The majority of sporadic OF are single lesions, multi-lesions are rare. The ratio of multiple lesions of OF cases is unclear, but we have found only 2 cases (3.6%) in 55 cases (Fig. 2–3). Also we have reported another two multiple cases in previous research[33]. Sporadic multiple OF need to be differentiated from HPT-JT. In this study, the level blood calcium (2.51 mmol/L,2.29 mmol/L,2.15–2.55 mmol/L) and parathyroid hormone (21.53 pg/ml,49.70 pg/ml,15–65 pg/ml) of the two multiple cases were normal. Recently, the candidate tumor suppressor gene HRPT2 then as CDC73 have been identified in chromosome 1q24-q32, enconding a novel protein of 531 amionacids named parafibromin[28]. Some studies show that Germline mutations and somatic inactivation of CDC73 are associated with HPT-JT and sporadic carcinoma and adenomas of parathyroid[4, 34]. Alterations in the tumor suppressor gene CDC73 in ossifying fibroma have recently been reported.

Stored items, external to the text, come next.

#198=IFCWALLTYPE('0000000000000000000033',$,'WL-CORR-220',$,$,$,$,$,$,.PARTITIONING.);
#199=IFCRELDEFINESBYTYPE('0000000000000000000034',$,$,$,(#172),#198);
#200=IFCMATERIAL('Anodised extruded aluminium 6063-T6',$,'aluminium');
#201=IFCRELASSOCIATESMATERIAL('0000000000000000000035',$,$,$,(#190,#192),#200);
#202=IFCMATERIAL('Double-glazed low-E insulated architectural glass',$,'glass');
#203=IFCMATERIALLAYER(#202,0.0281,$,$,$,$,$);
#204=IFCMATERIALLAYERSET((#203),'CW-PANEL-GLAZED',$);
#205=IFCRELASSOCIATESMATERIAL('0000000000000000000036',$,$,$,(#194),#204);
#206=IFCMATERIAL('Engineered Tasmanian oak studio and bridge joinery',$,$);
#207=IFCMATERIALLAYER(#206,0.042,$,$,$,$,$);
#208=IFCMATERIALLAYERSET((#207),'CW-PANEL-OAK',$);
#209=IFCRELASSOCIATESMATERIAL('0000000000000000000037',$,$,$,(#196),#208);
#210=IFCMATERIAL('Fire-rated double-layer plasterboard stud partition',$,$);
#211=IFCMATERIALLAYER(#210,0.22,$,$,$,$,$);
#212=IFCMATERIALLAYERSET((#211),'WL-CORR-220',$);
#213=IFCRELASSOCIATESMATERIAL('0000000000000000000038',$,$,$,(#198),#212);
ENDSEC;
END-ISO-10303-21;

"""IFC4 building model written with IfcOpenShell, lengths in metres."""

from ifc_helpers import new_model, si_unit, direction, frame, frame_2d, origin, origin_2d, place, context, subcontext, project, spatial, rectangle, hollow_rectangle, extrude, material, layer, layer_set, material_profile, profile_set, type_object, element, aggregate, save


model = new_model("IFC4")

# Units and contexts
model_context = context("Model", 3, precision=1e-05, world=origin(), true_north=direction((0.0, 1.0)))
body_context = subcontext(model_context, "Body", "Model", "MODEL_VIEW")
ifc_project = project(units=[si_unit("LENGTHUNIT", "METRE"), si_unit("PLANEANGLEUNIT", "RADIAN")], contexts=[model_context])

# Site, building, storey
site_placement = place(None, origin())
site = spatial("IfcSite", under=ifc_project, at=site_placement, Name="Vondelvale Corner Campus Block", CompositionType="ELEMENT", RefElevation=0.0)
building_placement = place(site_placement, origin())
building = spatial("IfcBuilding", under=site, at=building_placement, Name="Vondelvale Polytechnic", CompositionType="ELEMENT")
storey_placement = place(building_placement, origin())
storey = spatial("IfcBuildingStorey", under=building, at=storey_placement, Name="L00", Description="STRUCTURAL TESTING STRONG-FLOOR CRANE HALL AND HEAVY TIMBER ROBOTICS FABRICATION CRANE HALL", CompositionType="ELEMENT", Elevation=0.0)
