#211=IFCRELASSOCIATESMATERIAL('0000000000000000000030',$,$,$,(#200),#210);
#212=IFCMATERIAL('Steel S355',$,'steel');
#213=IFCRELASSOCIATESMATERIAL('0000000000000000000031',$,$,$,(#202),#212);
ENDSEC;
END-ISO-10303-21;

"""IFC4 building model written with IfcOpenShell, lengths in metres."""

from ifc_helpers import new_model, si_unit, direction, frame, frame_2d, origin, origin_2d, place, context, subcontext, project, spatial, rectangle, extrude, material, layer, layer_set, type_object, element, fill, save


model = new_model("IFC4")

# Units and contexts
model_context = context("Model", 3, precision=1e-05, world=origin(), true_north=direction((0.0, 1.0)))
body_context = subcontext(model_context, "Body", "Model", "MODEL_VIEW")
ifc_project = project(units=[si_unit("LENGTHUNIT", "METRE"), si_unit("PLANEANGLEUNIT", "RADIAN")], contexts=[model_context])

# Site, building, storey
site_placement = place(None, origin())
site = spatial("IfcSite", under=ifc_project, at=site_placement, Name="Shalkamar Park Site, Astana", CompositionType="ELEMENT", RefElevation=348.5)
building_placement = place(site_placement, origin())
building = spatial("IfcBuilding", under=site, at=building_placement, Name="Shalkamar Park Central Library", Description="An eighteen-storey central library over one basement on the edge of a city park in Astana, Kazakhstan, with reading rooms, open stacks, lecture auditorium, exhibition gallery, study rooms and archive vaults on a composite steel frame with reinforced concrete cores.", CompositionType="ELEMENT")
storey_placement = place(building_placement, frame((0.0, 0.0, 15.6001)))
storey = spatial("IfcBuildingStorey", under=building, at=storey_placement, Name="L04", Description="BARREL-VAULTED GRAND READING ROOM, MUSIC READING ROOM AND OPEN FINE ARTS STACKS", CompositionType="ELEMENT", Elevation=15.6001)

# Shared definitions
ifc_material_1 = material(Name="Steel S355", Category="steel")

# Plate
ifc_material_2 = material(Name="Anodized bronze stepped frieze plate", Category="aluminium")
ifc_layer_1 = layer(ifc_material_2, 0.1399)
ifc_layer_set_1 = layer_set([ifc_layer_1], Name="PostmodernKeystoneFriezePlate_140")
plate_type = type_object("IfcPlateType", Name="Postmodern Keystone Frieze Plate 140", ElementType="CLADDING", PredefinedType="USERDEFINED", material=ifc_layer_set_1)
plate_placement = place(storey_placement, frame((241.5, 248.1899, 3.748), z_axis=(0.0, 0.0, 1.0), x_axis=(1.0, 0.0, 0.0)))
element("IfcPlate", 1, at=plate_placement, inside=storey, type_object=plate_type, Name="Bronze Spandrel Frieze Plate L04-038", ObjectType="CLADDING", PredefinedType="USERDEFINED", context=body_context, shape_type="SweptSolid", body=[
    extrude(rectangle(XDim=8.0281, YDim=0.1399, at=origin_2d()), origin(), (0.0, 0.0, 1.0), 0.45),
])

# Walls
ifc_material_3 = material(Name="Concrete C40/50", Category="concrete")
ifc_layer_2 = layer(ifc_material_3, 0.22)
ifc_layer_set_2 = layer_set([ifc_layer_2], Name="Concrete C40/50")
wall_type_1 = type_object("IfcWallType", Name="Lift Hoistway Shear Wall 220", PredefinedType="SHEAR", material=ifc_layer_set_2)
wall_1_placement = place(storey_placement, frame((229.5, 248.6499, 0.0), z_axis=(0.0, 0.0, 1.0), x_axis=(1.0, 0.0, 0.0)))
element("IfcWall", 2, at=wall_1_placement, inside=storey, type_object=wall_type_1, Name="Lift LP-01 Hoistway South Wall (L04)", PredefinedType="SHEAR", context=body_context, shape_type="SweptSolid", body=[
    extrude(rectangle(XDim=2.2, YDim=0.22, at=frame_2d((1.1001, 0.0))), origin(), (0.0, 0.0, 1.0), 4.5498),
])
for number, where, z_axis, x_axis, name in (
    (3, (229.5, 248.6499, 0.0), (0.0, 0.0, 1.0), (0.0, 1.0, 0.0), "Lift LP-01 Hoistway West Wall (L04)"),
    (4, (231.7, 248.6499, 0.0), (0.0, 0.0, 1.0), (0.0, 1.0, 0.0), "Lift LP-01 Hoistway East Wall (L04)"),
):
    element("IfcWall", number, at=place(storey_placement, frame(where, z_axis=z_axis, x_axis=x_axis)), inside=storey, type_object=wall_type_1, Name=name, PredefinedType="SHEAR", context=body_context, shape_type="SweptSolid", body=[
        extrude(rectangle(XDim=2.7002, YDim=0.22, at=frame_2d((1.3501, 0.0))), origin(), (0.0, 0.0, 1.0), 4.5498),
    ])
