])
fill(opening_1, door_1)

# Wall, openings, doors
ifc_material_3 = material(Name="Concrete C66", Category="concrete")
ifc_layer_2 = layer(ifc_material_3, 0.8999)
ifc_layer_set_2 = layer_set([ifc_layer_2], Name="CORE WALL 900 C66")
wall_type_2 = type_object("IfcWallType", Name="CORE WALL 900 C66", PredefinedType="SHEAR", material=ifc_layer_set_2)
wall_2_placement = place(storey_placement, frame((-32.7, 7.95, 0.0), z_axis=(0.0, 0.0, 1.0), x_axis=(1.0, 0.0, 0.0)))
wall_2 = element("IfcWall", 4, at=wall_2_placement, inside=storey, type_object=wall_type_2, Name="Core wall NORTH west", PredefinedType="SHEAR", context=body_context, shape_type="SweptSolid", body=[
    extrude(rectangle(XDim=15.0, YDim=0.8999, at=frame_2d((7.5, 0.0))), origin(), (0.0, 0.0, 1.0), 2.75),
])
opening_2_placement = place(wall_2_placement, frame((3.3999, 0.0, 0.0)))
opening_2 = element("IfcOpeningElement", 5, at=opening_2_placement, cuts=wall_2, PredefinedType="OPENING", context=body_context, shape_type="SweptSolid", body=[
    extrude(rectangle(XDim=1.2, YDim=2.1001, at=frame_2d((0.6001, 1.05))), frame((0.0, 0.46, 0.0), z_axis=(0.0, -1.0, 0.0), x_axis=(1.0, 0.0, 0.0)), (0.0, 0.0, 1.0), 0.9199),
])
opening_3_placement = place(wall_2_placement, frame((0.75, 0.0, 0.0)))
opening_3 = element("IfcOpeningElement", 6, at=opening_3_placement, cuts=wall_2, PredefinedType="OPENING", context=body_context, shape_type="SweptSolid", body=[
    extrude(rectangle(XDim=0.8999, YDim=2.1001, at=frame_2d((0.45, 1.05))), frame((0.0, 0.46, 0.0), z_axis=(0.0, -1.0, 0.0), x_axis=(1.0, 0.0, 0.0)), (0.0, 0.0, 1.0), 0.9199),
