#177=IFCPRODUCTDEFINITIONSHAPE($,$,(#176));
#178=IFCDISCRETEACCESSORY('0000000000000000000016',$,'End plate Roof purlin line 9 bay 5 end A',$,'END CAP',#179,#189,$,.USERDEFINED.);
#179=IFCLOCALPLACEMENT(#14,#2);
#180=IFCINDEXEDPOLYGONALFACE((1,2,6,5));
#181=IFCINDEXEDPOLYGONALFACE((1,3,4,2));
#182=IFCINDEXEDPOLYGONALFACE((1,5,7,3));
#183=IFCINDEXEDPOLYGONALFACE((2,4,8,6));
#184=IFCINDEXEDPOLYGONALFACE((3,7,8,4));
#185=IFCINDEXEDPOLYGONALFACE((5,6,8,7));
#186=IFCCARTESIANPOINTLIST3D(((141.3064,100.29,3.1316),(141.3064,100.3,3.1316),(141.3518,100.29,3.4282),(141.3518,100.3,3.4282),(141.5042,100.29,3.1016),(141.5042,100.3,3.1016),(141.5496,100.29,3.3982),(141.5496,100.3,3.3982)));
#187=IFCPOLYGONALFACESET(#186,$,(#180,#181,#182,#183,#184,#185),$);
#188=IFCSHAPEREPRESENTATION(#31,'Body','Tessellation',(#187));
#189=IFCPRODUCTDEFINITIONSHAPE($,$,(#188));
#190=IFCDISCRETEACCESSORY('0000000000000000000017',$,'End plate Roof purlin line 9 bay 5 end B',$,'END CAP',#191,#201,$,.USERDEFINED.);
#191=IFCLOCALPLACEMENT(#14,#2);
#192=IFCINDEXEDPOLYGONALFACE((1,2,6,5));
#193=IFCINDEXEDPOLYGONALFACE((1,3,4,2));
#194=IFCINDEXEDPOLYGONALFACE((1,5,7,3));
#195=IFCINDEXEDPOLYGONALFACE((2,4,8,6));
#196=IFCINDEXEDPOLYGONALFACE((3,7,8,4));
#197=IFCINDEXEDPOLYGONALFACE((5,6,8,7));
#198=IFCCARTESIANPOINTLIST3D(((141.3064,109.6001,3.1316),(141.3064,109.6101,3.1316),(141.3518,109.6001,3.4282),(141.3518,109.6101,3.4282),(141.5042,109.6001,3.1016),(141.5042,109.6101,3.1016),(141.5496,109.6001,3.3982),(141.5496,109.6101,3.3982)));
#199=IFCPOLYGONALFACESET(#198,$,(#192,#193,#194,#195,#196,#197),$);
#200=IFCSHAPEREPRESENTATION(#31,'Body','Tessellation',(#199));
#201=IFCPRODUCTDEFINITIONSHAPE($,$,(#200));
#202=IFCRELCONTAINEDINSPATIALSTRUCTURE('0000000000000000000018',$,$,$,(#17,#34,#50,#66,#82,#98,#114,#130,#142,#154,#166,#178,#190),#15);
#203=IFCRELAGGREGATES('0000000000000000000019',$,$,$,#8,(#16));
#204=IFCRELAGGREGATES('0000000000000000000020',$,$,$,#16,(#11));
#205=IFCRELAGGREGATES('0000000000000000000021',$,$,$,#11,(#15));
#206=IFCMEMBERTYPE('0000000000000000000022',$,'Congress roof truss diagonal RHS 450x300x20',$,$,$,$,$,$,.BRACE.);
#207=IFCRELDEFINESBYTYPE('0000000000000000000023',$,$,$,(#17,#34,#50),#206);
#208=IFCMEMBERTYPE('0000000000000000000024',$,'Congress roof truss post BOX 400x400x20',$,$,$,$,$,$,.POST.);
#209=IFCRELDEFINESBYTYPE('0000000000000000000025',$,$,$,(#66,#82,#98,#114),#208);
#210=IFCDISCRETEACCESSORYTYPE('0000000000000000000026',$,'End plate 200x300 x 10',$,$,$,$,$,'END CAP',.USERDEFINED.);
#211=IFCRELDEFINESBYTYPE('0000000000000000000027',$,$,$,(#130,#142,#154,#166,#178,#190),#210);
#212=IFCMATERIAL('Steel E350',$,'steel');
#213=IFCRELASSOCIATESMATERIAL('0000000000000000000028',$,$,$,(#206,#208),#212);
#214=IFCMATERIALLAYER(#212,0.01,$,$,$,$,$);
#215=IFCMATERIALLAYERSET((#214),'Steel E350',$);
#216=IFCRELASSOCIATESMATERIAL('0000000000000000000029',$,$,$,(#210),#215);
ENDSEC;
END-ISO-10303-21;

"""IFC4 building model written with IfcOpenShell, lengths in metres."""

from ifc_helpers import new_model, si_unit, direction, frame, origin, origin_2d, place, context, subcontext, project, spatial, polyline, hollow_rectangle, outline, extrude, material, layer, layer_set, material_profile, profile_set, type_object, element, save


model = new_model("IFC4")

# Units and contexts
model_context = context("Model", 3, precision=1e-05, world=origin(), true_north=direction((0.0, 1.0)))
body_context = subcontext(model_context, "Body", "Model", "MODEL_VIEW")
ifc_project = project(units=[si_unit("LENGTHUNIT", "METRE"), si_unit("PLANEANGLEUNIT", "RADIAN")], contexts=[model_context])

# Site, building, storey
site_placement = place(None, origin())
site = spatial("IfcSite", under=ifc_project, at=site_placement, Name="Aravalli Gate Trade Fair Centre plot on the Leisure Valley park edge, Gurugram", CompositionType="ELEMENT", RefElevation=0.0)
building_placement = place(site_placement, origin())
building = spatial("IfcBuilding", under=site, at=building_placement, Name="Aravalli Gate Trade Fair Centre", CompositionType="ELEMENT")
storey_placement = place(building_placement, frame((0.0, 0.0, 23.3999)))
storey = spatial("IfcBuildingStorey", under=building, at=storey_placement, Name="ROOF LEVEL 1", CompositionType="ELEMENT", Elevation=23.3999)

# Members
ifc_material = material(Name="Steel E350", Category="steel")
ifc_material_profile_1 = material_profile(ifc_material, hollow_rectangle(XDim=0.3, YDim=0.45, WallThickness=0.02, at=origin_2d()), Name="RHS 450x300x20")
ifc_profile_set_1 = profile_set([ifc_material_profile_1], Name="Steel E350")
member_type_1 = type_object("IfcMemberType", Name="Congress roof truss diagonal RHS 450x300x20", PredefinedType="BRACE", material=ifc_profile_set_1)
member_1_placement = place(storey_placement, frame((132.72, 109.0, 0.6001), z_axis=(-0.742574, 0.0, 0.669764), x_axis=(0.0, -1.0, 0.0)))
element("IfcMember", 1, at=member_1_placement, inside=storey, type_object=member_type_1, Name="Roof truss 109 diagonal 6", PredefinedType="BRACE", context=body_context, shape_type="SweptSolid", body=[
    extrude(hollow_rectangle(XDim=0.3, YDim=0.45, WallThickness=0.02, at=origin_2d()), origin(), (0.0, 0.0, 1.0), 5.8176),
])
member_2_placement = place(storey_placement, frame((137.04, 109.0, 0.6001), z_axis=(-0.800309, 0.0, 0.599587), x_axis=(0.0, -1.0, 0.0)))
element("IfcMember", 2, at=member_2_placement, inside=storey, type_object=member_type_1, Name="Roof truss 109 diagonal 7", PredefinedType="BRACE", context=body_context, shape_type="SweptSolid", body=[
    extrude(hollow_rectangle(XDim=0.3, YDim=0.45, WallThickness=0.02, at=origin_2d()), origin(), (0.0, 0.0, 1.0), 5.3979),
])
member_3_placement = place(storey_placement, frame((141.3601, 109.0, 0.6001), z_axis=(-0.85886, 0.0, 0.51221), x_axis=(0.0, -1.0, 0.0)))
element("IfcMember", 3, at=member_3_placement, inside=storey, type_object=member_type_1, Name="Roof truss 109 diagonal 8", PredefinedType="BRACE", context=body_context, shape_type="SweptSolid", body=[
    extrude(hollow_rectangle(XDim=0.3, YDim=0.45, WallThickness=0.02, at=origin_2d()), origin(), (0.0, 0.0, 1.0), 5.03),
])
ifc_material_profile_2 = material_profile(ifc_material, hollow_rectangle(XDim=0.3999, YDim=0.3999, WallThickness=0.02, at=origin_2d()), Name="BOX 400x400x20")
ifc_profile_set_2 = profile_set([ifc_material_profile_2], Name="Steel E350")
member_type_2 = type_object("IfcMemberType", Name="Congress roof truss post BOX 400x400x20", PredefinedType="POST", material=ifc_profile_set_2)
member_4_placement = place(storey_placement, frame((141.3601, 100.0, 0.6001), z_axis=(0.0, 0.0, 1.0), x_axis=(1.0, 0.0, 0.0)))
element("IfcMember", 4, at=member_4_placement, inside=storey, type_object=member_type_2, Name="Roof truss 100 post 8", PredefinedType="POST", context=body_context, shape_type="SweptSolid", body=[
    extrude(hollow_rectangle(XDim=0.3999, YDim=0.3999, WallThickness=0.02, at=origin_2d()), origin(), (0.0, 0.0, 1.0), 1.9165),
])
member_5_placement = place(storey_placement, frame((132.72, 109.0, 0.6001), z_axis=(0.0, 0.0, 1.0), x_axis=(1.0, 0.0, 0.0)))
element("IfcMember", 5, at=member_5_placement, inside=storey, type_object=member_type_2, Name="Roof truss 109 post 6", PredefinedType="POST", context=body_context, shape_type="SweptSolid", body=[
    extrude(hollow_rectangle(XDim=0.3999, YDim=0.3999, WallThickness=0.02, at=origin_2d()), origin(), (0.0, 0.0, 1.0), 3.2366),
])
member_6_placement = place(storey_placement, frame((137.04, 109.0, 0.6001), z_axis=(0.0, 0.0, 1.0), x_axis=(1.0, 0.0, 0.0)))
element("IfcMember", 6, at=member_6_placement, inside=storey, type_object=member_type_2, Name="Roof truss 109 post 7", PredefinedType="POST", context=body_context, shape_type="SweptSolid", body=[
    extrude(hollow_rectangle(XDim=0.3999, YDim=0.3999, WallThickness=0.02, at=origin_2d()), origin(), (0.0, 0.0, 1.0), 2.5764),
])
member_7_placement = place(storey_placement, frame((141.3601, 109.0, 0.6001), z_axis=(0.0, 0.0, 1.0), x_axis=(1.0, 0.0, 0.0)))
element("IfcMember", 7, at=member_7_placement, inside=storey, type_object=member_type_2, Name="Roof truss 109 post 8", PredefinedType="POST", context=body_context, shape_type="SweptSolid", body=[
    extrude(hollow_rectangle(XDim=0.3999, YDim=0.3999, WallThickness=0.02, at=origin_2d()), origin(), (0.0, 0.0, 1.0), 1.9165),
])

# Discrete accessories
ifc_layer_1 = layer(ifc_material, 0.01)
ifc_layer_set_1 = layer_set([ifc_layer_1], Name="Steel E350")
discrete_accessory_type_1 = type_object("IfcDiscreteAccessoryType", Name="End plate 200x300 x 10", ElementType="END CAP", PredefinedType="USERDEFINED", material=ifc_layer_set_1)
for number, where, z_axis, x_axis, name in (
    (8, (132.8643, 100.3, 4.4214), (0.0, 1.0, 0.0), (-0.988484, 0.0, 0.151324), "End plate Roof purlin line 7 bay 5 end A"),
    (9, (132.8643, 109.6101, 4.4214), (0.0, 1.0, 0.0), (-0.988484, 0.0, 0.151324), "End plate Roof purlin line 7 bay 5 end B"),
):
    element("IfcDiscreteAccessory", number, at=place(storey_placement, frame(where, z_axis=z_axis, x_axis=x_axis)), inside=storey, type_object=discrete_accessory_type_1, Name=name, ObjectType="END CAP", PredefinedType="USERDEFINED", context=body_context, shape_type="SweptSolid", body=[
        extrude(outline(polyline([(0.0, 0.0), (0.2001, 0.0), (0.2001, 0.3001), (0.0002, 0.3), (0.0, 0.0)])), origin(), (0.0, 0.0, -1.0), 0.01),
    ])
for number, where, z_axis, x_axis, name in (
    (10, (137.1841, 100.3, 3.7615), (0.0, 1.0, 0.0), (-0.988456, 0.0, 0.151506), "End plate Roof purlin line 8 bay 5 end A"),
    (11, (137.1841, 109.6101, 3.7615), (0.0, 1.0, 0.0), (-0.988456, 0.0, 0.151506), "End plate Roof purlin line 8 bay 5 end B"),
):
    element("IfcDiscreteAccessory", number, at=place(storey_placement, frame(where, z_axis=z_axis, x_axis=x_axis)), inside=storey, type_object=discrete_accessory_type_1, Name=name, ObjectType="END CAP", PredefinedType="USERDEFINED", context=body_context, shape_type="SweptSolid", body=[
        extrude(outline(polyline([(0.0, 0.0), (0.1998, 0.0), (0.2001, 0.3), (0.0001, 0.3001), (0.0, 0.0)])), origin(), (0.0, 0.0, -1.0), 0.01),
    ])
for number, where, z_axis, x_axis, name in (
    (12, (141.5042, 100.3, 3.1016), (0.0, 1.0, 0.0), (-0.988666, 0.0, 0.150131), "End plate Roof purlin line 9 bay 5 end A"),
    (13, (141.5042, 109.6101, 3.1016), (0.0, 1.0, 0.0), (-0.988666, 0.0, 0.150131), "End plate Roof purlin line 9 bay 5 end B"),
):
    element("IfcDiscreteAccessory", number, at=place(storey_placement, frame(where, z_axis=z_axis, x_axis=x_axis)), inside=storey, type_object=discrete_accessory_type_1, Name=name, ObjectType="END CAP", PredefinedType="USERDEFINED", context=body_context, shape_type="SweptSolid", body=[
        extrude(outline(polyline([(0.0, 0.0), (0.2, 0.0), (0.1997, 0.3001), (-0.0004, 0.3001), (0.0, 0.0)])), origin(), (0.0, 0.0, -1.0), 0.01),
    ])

In one series, which included four cases with OFs, mutations in CDC73 were found in two of the cases, suggested that CDC73 might be a key factor in the etiology of OFs[35]. Howerver,Yan Chen et al. found that two somatic mutations were identified in 40 cases of OF (5%)[36]. The mutations of CDC73 of sporadic OF previously reported in the literatures were reviewed, and only 4 cases were identified the mutations of CDC73 (Table 7).These findings indicate that the CDC73 mutation is not common in the development of sporadic ossifying fibroma, and therefore may not be used as a marker for diagnosis[37]. The effect of mutated CDC73 on sporadic OF needs to be studied further.